Hi All,
I need some help to set up alerting which would be based upon the standard deviation of the occurrence of Errors.
I have this crude query as of now:
index= earliest=-30d NOT(date_wday=saturday) NOT(date_wday=sunday) | timechart span=7d count by tms_logcat limit=40
And i wish to setup alerts such that an alert is thrown for the below highlighted(in quotes) errors:
_time ERR-05257 ERR-05258 ERR-05259 ERR-05266 ERR-05275 ERR-05276 ERR-05279 ERR-05354 ERR-07507 ERR-07801
8/25/2014 0 1 9 386 12438 361 341314 1 0 2 11
9/1/2014 645 0 "5950" 1251 13959 9 434539 2 0 0 6
9/8/2014 722 0 0 "20370" 15014 4 356794 1 10 0 0
9/15/2014 0 0 0 627 12237 241 406969 2 0 1 8
9/22/2014 755 1 0 288 5204 64 "3994" 0 0 0 0
(Apologies - I do not seem to have enough karma points to attach the screenshot of the error data given above.)

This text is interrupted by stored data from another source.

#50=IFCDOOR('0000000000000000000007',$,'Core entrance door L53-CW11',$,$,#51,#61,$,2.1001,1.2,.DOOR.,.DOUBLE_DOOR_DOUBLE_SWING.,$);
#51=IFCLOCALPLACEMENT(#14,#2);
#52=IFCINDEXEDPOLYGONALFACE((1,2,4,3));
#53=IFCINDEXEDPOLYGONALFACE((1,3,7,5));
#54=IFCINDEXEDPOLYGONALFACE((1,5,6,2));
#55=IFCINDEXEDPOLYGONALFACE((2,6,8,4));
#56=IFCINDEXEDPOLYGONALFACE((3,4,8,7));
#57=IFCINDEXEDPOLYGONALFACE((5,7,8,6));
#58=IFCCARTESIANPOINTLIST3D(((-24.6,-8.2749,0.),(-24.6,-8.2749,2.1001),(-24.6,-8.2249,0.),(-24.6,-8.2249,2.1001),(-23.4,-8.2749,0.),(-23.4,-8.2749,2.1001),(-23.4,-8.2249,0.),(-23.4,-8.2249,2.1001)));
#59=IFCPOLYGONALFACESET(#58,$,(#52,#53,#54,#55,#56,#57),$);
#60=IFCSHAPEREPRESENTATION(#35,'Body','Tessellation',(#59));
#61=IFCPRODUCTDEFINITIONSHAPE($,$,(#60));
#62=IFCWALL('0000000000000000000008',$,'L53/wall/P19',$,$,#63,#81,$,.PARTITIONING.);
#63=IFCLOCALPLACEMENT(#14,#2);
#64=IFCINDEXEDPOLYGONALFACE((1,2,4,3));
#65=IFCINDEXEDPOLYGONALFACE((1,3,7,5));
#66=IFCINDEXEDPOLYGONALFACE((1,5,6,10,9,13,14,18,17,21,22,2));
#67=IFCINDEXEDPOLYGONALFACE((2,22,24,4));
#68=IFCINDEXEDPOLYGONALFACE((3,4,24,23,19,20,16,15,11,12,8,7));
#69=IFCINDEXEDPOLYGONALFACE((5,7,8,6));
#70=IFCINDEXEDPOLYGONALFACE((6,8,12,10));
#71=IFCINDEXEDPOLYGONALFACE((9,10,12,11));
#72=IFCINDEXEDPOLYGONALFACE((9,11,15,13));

Of course this is going to sound like a shameless plug, but honestly, the easiest way to do this is with the Prelert Anomaly Detective app.

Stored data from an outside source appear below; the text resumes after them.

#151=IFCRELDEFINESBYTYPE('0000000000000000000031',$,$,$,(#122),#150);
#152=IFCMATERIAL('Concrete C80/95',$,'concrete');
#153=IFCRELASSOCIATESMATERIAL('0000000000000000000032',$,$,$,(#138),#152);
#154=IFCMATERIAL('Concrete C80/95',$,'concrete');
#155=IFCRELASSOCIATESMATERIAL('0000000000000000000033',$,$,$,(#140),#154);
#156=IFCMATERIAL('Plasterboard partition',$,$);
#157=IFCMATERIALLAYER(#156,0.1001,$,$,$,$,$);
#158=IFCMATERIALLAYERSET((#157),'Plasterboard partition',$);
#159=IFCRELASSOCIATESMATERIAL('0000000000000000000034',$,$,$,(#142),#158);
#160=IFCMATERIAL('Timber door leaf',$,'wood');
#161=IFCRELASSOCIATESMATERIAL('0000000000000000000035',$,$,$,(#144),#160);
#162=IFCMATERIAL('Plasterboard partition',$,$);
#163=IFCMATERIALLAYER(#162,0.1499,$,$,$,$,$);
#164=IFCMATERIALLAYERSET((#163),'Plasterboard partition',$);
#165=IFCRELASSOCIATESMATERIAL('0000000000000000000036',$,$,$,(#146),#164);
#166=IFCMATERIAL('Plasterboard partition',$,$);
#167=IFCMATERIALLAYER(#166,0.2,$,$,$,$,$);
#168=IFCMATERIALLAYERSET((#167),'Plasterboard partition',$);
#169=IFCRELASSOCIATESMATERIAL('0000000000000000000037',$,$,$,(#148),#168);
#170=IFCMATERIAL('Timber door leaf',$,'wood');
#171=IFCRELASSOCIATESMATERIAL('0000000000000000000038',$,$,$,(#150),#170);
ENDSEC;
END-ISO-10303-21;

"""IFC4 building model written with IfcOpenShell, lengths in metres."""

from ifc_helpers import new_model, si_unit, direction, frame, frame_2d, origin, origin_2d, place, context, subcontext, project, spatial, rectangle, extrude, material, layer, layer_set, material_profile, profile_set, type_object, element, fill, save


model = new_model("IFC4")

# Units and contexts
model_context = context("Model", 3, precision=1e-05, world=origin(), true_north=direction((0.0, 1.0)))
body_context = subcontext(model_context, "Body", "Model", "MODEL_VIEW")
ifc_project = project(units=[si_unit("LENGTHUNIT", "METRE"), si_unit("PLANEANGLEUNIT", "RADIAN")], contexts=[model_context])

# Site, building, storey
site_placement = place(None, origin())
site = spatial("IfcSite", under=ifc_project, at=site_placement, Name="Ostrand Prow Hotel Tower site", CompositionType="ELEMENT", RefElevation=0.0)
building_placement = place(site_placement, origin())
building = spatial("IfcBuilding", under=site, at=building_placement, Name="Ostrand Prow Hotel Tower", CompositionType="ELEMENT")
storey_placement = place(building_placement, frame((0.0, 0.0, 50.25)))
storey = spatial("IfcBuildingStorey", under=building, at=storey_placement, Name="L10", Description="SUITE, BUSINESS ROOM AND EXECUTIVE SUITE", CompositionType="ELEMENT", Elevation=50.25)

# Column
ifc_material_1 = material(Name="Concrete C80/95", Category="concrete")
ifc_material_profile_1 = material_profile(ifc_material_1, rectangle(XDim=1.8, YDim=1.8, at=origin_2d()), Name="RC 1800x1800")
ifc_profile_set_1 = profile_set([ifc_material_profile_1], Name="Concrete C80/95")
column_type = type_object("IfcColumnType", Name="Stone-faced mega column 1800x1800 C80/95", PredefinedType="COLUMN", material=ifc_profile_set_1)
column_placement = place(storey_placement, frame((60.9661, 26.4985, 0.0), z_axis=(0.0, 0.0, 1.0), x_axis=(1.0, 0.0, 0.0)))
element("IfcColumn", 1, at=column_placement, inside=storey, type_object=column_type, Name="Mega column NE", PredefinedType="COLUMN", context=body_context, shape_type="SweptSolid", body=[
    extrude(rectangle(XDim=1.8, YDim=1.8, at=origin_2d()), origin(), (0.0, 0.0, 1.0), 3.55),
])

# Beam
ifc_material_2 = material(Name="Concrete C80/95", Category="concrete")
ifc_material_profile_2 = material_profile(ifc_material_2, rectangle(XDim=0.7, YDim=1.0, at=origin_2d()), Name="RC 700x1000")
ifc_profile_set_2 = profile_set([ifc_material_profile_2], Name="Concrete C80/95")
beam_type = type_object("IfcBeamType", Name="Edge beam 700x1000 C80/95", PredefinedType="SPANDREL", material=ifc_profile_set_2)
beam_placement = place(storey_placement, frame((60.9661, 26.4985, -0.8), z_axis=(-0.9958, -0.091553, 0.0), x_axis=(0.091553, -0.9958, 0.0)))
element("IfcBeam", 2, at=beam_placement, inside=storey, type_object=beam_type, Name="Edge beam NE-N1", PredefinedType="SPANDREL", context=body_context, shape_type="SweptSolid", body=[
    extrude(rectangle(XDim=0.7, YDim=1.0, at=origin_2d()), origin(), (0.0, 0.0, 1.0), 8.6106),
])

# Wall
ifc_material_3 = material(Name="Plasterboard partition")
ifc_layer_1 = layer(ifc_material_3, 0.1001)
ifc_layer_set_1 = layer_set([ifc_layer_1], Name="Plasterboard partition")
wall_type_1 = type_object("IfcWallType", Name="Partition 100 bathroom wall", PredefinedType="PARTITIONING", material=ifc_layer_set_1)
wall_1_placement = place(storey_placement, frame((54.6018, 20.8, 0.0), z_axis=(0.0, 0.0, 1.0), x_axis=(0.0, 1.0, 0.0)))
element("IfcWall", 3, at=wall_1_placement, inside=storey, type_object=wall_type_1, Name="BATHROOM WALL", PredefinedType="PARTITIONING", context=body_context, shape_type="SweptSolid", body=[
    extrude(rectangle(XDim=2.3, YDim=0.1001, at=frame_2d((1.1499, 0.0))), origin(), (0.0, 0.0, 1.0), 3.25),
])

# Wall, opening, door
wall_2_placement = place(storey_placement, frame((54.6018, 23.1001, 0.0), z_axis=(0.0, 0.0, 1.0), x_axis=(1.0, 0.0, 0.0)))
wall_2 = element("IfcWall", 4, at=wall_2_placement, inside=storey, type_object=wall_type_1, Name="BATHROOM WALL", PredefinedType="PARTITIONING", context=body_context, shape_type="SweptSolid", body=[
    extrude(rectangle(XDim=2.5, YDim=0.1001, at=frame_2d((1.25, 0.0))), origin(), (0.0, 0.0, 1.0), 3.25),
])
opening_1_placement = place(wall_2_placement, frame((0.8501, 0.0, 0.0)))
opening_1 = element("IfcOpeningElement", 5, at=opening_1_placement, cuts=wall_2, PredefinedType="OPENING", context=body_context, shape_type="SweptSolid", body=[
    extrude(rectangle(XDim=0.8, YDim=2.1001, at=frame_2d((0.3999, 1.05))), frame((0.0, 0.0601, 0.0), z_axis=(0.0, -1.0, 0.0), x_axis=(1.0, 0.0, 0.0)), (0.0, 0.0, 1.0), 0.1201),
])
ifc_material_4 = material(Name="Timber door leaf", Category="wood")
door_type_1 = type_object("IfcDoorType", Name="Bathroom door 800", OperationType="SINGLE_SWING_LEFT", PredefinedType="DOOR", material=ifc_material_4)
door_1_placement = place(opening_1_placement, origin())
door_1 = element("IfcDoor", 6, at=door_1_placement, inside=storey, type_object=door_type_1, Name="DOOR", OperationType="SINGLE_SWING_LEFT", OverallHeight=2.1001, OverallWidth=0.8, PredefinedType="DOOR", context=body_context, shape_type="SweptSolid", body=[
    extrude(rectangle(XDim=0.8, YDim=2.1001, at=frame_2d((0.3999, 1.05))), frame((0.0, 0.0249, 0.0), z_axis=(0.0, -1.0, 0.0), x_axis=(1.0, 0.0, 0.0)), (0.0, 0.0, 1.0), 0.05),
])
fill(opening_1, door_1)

Using the QuickMode feature, you can literally put this search in:
index=whatever NOT(date_wday=saturday) NOT(date_wday=sunday) | timechart count by tms_logcat limit=0
and Anomaly Detective will automatically take care of baselining the normal occurrence rate of each error type ("tms_logcat") and will offer you the ability to alert on this data on-going with a one-click ability to schedule the search to run in the background every 5 minutes for example. How it works video: http://support.prelert.com/customer/portal/articles/1417340-quickmode
By the way, don't get caught up in trying to use standard deviation as your approach to express anomalousness. Standard deviation assumes that the data samples (in this case, "counts of errors") conforms to a nice, symmetrical Gaussian Bell curve. In most cases, counts of things are better modeled by Poisson curves. Anomaly Detective automatically figures out the best statistical model for your data to maximize accuracy and minimize false alerting.